Suppose there are 50 states (not too wild an assumption, for an economist). Suppose further that the reps & senators from each state come up with a gov't program that will cost each state $1 but pay the home state $2. Every one of these projects is a bad deal, since it generates $2 in benefits at a cost of $50.

But each delegation will support their respective home state projects, and be willing to trade votes to get *all* the projects passed, since they'll be able to return to their constituents and say "hey, look at the great $2 project I managed to get for us! And it only cost us a dollar."

If we want to get rid of this pork barrel stupidity, we have to start axing the congresspeople who bring home the bacon.

Unknown said...

Charles, that is a very accurate statement and one I agree with. Ohio recently has risen to getting a slightly higher number of dollars given vs dollars collected, but there are a great number of states that receive more and less. It shouldn't be that way. With the exception of natural disasters, when one Congress person "brings home the bacon" it is realistically most times paid for by other states.

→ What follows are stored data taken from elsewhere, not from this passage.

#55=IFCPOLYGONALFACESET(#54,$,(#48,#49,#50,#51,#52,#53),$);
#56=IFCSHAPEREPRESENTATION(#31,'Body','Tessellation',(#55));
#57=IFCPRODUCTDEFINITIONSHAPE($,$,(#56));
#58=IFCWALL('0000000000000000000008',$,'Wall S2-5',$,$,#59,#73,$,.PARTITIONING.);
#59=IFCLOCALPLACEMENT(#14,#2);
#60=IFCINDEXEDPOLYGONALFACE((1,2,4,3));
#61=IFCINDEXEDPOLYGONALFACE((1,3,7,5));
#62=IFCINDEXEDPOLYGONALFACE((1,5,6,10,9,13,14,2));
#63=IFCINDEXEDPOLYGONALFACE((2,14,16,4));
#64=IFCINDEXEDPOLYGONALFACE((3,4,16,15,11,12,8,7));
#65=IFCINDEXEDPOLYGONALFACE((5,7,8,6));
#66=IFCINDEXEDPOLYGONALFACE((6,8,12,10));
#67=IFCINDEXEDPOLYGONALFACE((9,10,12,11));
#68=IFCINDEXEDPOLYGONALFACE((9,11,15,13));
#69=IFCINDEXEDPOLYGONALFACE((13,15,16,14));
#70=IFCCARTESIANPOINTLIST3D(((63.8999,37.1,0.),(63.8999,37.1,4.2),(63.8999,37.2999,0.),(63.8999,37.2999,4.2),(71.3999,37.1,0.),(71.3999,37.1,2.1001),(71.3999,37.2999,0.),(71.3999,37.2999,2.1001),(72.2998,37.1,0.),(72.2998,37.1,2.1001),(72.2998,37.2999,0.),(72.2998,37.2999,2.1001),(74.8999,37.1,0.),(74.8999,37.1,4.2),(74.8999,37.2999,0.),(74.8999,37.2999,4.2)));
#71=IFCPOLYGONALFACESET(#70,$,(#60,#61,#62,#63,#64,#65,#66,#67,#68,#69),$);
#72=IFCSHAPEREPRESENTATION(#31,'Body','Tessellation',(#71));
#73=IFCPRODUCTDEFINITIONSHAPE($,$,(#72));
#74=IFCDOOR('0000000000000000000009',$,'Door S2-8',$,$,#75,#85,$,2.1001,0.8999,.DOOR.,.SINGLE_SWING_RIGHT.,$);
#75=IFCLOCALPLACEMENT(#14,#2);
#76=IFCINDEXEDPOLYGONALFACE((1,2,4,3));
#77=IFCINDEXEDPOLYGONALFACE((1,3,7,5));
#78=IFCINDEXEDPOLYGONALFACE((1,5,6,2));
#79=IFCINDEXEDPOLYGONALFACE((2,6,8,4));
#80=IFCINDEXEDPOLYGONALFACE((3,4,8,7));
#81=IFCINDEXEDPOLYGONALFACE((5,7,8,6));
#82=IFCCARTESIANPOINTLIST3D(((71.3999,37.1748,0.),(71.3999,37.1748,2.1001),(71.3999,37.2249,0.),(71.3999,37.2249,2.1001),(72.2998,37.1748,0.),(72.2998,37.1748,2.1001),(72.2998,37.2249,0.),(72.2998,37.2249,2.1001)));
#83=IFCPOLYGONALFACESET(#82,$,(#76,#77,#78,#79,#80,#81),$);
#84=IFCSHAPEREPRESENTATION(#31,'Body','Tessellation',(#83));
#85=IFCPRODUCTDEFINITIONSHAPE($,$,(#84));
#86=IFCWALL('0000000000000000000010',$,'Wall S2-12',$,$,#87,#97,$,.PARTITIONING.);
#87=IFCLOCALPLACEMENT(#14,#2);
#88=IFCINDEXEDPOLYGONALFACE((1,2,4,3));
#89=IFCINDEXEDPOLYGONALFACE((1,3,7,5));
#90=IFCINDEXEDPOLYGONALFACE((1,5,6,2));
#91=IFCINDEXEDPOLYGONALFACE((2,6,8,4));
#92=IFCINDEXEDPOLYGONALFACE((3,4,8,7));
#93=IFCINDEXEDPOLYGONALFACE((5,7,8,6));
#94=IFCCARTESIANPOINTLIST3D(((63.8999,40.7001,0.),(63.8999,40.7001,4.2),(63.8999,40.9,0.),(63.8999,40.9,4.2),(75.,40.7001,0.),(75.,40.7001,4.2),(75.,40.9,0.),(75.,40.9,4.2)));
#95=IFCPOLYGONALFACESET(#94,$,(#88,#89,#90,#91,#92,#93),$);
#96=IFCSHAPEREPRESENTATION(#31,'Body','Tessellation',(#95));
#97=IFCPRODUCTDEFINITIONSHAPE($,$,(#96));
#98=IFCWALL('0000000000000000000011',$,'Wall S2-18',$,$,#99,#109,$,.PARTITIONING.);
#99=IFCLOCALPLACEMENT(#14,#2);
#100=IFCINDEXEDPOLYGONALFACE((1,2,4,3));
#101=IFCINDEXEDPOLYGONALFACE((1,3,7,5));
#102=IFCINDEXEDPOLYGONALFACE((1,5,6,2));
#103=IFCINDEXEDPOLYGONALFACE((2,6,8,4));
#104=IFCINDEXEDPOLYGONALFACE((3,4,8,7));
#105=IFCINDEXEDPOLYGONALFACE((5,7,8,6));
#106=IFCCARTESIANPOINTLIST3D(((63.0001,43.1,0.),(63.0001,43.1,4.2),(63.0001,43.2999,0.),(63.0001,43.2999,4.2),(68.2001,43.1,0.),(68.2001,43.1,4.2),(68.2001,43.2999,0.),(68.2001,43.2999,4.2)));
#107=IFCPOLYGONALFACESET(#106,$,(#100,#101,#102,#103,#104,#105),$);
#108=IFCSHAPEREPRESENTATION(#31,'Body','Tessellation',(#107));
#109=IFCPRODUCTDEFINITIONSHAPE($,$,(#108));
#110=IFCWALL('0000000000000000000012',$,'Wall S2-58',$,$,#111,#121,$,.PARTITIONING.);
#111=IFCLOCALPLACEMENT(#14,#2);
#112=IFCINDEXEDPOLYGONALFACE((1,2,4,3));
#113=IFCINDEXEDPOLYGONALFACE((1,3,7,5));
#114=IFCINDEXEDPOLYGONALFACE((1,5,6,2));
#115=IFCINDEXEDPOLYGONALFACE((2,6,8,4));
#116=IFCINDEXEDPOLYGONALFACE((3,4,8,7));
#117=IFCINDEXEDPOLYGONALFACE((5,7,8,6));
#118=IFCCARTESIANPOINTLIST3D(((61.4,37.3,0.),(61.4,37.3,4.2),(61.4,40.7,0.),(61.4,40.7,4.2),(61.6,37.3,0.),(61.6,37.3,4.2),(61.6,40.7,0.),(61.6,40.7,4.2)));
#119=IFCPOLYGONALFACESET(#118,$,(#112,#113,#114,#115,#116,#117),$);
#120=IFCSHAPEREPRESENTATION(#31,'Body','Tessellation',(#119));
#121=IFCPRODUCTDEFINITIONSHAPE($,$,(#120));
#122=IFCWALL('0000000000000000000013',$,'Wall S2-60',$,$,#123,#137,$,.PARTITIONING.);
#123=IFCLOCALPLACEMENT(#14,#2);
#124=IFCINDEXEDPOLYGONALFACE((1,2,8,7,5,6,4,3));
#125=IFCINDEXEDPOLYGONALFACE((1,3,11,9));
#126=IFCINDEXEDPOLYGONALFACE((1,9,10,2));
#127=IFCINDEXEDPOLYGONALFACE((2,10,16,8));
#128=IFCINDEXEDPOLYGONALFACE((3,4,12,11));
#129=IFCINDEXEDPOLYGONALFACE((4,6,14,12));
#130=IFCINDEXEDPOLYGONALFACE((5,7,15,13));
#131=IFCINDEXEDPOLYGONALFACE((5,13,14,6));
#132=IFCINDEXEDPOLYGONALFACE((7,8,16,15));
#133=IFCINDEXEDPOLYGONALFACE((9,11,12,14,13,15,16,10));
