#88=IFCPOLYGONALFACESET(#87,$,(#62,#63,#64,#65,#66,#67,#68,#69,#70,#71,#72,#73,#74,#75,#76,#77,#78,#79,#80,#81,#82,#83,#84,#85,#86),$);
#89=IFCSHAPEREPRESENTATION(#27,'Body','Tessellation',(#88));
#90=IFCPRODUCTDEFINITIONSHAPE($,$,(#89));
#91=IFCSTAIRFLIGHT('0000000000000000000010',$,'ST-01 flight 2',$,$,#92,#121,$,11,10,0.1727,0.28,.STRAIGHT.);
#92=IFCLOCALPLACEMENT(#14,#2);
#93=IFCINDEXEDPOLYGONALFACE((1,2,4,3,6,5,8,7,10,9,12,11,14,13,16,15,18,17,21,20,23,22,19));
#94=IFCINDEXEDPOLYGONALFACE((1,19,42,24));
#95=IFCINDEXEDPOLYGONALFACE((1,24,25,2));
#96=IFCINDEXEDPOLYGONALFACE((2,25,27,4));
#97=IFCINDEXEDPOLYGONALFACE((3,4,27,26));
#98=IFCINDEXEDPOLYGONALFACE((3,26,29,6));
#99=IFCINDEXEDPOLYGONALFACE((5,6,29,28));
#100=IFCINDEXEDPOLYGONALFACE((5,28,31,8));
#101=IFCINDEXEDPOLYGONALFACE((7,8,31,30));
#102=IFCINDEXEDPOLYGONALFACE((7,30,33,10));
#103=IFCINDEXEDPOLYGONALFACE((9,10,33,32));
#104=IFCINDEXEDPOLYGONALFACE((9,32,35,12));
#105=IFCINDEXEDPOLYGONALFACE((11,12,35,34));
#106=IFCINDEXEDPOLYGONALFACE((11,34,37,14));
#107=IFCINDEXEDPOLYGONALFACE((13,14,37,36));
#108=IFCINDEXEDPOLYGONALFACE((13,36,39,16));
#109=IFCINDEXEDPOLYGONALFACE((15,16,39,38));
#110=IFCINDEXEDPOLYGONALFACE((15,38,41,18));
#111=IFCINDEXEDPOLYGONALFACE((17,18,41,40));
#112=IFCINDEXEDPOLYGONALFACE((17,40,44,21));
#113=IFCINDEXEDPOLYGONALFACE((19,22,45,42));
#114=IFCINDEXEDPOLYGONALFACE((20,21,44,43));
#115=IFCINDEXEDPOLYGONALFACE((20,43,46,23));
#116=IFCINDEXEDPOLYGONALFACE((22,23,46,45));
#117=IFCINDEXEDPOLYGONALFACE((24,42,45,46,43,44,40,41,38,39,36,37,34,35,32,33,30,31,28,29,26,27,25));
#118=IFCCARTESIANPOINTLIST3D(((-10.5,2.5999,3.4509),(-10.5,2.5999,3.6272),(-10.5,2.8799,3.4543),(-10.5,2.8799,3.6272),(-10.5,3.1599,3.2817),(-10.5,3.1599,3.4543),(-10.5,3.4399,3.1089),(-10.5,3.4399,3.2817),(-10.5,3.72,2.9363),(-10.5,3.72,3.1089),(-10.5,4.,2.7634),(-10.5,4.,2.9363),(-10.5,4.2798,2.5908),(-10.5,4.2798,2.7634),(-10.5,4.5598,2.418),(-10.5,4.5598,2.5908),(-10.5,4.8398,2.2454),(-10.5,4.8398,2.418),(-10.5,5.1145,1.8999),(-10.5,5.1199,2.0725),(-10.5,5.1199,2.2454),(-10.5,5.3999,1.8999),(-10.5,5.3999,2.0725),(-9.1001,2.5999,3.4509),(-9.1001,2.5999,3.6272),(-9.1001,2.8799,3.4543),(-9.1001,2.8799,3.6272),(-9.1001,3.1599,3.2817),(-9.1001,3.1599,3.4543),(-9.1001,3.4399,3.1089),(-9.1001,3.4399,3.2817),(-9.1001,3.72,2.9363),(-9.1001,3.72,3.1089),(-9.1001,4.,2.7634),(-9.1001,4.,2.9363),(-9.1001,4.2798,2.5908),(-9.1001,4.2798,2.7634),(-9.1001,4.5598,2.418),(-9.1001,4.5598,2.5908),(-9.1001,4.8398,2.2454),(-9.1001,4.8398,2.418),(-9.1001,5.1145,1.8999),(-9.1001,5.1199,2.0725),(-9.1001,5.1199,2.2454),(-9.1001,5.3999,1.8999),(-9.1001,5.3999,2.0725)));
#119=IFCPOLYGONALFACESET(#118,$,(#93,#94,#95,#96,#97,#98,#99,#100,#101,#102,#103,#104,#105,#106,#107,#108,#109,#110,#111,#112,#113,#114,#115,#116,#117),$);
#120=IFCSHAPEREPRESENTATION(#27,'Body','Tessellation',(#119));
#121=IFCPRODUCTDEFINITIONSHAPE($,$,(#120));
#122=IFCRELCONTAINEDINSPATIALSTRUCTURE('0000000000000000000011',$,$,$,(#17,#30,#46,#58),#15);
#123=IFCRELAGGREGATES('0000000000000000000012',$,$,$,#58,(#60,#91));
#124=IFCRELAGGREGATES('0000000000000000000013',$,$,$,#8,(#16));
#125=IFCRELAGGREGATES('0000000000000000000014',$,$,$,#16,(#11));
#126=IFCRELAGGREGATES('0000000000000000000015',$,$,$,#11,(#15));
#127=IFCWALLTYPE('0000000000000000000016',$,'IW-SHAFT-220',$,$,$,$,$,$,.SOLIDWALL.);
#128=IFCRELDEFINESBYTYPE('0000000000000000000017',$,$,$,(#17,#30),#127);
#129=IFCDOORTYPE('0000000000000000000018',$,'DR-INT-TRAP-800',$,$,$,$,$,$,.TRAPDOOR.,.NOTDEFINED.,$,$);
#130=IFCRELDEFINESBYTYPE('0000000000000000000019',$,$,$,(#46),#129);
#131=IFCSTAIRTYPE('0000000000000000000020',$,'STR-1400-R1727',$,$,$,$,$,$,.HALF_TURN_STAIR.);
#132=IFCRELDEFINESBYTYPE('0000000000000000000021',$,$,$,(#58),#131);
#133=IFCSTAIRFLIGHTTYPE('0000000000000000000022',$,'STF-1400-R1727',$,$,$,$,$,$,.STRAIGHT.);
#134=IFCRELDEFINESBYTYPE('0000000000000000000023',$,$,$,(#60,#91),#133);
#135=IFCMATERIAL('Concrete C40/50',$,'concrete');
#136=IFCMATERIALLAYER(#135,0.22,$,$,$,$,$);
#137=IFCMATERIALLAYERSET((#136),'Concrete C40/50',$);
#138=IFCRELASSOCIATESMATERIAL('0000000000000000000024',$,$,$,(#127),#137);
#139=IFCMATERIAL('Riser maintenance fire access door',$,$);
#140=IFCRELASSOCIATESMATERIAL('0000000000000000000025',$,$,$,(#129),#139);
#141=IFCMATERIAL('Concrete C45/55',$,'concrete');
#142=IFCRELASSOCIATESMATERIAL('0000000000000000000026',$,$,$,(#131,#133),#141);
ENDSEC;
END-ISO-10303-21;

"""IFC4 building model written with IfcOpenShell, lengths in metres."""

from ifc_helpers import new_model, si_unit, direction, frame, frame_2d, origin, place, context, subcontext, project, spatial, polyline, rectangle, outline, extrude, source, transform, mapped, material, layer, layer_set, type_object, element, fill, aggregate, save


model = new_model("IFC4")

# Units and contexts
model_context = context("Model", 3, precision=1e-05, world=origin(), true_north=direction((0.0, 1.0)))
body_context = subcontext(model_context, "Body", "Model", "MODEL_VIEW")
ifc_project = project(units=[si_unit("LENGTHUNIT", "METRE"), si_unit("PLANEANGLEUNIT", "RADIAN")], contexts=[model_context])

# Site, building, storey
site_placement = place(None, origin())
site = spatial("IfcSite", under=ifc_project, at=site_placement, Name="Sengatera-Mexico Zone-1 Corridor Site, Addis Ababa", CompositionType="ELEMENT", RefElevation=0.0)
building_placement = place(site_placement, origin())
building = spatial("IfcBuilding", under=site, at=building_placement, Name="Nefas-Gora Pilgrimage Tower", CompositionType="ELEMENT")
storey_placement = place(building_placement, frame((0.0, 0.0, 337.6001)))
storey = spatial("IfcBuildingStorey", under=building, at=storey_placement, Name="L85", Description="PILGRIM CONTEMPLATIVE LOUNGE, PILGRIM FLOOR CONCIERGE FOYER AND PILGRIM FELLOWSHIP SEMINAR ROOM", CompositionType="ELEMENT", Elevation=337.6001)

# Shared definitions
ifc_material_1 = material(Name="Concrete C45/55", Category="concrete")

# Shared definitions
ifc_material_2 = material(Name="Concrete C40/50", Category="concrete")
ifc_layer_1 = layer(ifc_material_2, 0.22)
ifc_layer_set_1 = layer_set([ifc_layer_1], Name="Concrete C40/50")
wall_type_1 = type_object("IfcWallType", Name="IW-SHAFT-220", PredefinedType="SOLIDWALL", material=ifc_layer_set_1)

Hooda Thunkit (Dave Zawodny) said...

A thought:

Every time taxes have been cut, the Government's income has risen.

Unfortunately, most of the time Government has chosen to respond by spending even more...

I'd like to offer:

Line item veto

No riders (every bill is a stand-alone separate bill

-and-

A goal of a balanced budget by 2008, with a debt reduction to Zero by 2016.

So that our grandchildren's children will grow up in a debt free country.

One more thing:

Zero foreign aid starting in 2007.

Lets lend our foreign aid to US (the US).

Maybe then social security can stop being stolen from workers qualifying for additional pension sources, and it will no longer be in trouble.

We know our foreign aid "investments" yield very little return, so let's invest it in ourselves.

Charles N. Steele said...

Hooda is right on. The so-called "tax cuts" are really just postponed taxes, since there's no corresponding cut in spending (spending continues to rise, of course). So guvamint borrows to make up the difference, and we end up paying through future taxes.

Hooda does go off target on the foreign aid issue -- an enormous part of U.S. foreign aid goes to Americans. When USAID awards contracts for foreign development projects, you didn't think they awarded them to foreigners, did you? They award them to American beltway bandits, For-Profits and non-profit NGOs. Yes, some cash does eventually trickle down to the furreners, but not so much. After all, it's the American firms and NGOs who have the political pull, not the poor foreigners.

Scott G said...

No foreign aid would be a bad policy move in my opinion. I agree we need to help ourselves first, but if we don't help the rest of the world, we just make ourselves more hated. Not to mention the spread of disease that could occur.